Actor-Critic Net Structure

How severe does this issue affect your experience of using Ray?

  • None: Just asking a question out of curiosity

Given an instantiated algorithm ( via, for example, algo =, where config specifies PPOConfig(), an environment, and the torch framework among other things), is it possible to dig down through also to see what the actor-critic model actual consists of, i.e., the layers of the neural network(s)?

I’m curious because Ray, which I’ve used for other things in distributed computing, imposes a lot of overhead and it seems difficult to get the specific data out that I want to see. So I was thinking of developing a PPO system using the actor-critic model that Ray generates for my custom environment.

@jjgriffin2 This is possible. I would choose a debugging approach as you can apply instantly a summary on the model and see the layers it consists of. Which version of Ray is installed? Are you using the old or new stack (AlgorithmConfig.experimental(_enable_new_api_stack) or in older versions AlgorithmConfig.rl_module(_enable_rl_module=True)).
You can find the code for the models in the respective catalogs (rllib/models/ or new stack rllib/core/models/

RLlib is made for RL production workloads and comes with some overhead when e.g. prototyping. We put a lot of efforts into moving from our old stack to a new one which is significantly faster and takes away a couple of software layers. Transferring to the new stack should be completed around Ray Summit 2023.

Interested in your Ray experiences: where exactly do you see much overhead?

The Ray version is nightly download, using the new stack. I’ve seen the code.
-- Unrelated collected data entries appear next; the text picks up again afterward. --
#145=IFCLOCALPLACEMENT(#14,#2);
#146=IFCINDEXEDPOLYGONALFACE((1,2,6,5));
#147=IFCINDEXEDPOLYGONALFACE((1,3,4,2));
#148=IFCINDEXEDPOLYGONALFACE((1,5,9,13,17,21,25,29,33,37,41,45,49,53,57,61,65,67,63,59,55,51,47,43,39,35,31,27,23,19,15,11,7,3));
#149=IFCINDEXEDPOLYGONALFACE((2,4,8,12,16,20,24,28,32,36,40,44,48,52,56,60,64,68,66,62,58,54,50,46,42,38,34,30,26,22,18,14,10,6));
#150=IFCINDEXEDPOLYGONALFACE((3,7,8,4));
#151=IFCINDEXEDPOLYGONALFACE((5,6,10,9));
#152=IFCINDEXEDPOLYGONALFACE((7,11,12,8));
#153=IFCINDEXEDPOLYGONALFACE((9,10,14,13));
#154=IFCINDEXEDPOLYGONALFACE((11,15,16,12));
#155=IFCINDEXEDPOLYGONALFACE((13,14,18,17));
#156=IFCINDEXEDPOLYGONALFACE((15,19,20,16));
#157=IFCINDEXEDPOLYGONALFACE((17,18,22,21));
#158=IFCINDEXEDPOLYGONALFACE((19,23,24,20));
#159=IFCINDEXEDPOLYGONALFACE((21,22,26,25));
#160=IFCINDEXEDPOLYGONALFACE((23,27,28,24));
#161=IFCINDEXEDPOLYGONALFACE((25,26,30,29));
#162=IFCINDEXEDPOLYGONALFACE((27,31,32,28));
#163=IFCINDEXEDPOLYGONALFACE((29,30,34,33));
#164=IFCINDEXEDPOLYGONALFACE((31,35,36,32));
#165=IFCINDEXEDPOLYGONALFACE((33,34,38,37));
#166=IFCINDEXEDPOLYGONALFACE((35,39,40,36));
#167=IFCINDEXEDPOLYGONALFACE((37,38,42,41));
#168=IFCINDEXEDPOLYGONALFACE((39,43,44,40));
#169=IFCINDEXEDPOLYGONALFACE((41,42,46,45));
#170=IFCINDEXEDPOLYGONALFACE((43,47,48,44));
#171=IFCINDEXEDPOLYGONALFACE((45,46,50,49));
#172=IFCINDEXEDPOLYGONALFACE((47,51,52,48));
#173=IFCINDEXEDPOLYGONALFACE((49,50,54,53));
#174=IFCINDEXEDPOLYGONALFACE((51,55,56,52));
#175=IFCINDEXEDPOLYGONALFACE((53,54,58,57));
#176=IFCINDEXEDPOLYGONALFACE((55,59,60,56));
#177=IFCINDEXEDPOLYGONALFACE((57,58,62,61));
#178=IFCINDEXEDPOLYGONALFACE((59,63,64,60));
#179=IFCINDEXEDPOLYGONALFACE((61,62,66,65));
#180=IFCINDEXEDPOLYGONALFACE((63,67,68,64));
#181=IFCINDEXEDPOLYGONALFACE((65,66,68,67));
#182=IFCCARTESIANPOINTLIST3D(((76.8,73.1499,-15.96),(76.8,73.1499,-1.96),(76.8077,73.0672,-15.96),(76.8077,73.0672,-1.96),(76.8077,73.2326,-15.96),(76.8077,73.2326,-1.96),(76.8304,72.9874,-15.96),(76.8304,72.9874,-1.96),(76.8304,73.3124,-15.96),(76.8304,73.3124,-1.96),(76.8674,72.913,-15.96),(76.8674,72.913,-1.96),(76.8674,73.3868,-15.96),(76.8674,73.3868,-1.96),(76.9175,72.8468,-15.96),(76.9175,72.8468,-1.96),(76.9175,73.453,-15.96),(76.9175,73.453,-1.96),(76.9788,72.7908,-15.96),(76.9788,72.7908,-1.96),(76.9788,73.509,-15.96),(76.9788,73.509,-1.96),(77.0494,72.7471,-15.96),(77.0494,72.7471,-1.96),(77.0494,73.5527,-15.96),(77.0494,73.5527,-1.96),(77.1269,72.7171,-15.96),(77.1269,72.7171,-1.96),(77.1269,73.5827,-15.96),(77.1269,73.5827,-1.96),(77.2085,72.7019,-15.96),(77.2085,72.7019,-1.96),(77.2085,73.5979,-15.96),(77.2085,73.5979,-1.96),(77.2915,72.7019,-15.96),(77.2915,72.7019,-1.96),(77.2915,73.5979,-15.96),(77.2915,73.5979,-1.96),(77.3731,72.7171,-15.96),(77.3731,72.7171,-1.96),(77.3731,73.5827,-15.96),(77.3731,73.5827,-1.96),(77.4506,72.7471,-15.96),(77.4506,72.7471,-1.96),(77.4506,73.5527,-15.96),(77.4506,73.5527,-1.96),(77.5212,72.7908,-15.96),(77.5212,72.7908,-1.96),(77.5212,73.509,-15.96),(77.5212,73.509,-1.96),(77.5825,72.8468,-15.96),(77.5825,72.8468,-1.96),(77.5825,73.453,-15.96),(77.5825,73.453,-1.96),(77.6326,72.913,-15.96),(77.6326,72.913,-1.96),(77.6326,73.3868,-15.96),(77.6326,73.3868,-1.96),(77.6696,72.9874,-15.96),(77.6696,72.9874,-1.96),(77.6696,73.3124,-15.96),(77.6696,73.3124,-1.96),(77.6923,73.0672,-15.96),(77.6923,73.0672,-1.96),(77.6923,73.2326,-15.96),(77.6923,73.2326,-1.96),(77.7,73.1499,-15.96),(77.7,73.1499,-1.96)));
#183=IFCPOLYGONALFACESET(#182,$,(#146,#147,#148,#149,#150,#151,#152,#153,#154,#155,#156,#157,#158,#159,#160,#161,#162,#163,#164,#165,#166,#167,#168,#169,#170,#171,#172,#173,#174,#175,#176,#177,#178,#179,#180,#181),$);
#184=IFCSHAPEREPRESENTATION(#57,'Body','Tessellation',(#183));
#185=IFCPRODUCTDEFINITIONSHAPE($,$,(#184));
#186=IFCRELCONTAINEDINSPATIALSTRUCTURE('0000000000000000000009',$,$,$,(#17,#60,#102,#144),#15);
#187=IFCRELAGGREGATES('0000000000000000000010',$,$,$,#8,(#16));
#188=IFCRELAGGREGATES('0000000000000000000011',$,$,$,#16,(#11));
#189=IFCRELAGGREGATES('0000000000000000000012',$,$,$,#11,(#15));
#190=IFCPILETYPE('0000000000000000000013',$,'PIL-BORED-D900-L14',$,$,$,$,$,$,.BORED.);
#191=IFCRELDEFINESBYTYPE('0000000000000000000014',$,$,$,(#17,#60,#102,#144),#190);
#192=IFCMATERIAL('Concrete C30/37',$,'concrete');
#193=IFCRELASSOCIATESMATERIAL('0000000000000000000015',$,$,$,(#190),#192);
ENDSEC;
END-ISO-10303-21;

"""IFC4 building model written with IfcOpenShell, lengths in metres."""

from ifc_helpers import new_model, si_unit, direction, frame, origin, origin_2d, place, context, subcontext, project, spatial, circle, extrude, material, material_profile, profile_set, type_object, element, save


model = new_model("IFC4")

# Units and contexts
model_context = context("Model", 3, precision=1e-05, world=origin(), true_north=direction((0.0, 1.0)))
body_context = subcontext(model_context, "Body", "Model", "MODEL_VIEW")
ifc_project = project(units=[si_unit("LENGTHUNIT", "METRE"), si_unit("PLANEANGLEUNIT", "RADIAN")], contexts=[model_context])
What I’m really referring to is the difficulty in getting specific data returned from the environment in the info field after a step (classically, state, raw, done, term, info = env.step(action)) and the action taken and storing that somewhere outside. I’ve set custom callbacks, but that just slows everything to a standstill. The environment is pretty complex, but I’m not doing anything so esoteric that it requires the full power of Ray. So, a simpler approach seems warranted, thus my interest in the model that Ray produces, applied to a non-Ray approach where I’m attempting to hook into a fairly sealed system.

BTW, you mention a “debugging approach.” What does that mean?